The secret of the methods is hidden in the possible organizational ways of reaction networks. The mode of visualization of these networks developed in the chemoton theory (the separation of AND/OR branchings), together with cycle stoichiometry makes the quantitative design of these networks at a desk possible. Thus design of fluid automata is possible in the way as engineers design mechanical or electric machines. Chemoton theory provides thereby, in addition to mechanical and electric technology, the possibility for developing a new, third technology for humanity.

Self-reproducing automata

Half a century ago, J. von Neumann proved that self-reproducing   automata can be produced in principle, but no such automata have been produced since then by human technology. This is so, in spite of the fact that the phenomenon of self-reproduction has been known in chemistry already for a century (autocatalysis). The fact that self-reproducing machineries can be actually realized in the realm of fluid (chemical) automata is proven individually by the tens of millions of living species.

By means of methods developed for designing fluid automata, self-reproducing, and even proliferating, spatially separated automata can be constructed. The simplest fluid automaton operating in a program-controlled way is called chemoton . The whole theory was named after this unit. The chemoton is a chemical supersystem consisting of three autocatalytic chemical systems coupled by a particular stoichiometry.

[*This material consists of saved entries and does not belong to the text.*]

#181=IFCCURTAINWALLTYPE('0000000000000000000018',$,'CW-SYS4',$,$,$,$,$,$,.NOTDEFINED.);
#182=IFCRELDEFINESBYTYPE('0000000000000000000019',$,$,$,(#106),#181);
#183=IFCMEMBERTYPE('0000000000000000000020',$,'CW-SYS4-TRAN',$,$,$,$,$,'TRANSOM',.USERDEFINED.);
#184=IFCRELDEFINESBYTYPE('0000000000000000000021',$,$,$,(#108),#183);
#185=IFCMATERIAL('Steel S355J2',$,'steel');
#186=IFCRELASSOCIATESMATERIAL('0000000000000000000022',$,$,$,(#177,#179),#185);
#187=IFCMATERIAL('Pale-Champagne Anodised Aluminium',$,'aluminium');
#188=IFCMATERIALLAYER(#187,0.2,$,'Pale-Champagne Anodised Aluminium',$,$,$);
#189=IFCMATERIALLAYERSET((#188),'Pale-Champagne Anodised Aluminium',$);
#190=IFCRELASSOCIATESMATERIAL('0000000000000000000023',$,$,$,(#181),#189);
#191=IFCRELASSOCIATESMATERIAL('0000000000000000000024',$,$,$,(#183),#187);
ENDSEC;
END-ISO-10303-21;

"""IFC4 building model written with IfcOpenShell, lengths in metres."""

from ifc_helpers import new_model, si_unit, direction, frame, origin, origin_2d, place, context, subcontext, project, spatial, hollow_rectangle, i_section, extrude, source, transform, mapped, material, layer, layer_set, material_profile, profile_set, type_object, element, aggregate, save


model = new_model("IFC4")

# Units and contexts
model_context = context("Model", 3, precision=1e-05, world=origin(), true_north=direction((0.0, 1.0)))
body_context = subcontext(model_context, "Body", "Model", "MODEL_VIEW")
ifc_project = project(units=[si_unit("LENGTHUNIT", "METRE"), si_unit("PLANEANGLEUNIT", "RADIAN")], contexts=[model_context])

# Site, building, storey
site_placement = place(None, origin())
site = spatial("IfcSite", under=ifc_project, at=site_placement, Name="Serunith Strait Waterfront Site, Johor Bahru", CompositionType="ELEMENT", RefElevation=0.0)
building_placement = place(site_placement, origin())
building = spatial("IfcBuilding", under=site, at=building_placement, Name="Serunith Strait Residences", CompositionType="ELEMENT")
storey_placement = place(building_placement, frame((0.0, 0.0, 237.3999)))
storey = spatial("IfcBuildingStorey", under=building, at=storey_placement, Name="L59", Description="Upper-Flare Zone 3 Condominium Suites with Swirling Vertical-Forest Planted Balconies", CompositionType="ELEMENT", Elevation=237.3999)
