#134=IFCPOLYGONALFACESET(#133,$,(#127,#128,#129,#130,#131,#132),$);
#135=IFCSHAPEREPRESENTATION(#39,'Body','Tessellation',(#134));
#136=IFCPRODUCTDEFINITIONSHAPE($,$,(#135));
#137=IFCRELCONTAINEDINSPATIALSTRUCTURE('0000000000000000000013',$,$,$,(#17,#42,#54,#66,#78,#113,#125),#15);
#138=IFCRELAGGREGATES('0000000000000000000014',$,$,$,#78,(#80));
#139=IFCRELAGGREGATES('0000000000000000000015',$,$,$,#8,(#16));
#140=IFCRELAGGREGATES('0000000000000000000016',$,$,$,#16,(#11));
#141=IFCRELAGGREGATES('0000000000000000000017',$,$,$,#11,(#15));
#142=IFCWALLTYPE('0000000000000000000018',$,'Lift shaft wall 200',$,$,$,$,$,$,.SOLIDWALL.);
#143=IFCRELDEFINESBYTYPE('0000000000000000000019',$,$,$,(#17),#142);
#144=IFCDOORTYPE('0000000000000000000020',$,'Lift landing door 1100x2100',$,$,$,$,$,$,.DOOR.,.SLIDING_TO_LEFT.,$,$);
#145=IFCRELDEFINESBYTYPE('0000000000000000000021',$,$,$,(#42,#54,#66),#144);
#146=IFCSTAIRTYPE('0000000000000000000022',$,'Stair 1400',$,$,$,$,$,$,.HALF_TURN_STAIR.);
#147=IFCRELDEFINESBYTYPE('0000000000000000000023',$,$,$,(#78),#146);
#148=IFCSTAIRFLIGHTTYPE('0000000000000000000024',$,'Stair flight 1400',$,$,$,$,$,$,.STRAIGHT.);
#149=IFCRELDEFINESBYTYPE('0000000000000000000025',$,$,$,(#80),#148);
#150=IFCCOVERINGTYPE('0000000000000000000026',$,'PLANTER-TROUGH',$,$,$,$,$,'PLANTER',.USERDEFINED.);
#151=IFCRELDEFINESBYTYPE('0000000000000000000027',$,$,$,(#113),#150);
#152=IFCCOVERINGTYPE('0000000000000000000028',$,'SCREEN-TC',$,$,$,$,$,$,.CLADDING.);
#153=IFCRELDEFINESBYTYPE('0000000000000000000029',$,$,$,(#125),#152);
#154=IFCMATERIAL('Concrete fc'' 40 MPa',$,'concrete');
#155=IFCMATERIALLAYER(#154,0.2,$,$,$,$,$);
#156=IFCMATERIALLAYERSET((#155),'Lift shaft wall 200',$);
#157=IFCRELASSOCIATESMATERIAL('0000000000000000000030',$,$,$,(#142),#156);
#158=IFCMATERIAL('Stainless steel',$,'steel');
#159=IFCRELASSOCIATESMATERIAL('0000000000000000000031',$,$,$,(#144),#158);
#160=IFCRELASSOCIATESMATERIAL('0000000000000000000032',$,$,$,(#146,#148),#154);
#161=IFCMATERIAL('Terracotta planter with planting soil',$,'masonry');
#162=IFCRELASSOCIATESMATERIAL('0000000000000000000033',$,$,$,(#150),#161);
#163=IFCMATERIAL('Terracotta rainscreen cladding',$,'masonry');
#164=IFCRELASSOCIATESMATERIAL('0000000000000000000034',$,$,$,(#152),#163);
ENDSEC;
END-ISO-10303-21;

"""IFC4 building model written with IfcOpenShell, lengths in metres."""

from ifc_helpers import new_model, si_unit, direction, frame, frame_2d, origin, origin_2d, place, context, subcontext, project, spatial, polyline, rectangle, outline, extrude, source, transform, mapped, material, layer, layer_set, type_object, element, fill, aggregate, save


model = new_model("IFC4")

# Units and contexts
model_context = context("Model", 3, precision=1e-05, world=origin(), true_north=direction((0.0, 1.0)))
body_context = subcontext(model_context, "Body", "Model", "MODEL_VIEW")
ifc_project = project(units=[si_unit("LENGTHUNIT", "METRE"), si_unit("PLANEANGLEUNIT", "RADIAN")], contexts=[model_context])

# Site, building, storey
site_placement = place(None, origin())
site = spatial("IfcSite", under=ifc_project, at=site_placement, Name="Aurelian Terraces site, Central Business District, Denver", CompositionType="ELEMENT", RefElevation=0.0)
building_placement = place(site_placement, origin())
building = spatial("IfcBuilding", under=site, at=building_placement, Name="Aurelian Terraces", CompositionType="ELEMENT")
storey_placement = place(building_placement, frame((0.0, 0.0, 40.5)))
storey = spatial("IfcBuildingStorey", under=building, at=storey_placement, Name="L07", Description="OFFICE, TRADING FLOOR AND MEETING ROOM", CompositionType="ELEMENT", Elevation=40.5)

The chemoton symbol , the chemoton coupling comprising the stoichiometric and network fundamentals, as well as the overall equation of the chemoton providing the quantitative relationships of chemoton can be found in the following pages.

It can be proven about fluid automata of chemoton coupling that they behave as living sytems, and conversely, all living sytems are fundamentally sytems of chemoton coupling, irrespective of how many other layers of regulation have been added to them in evolution.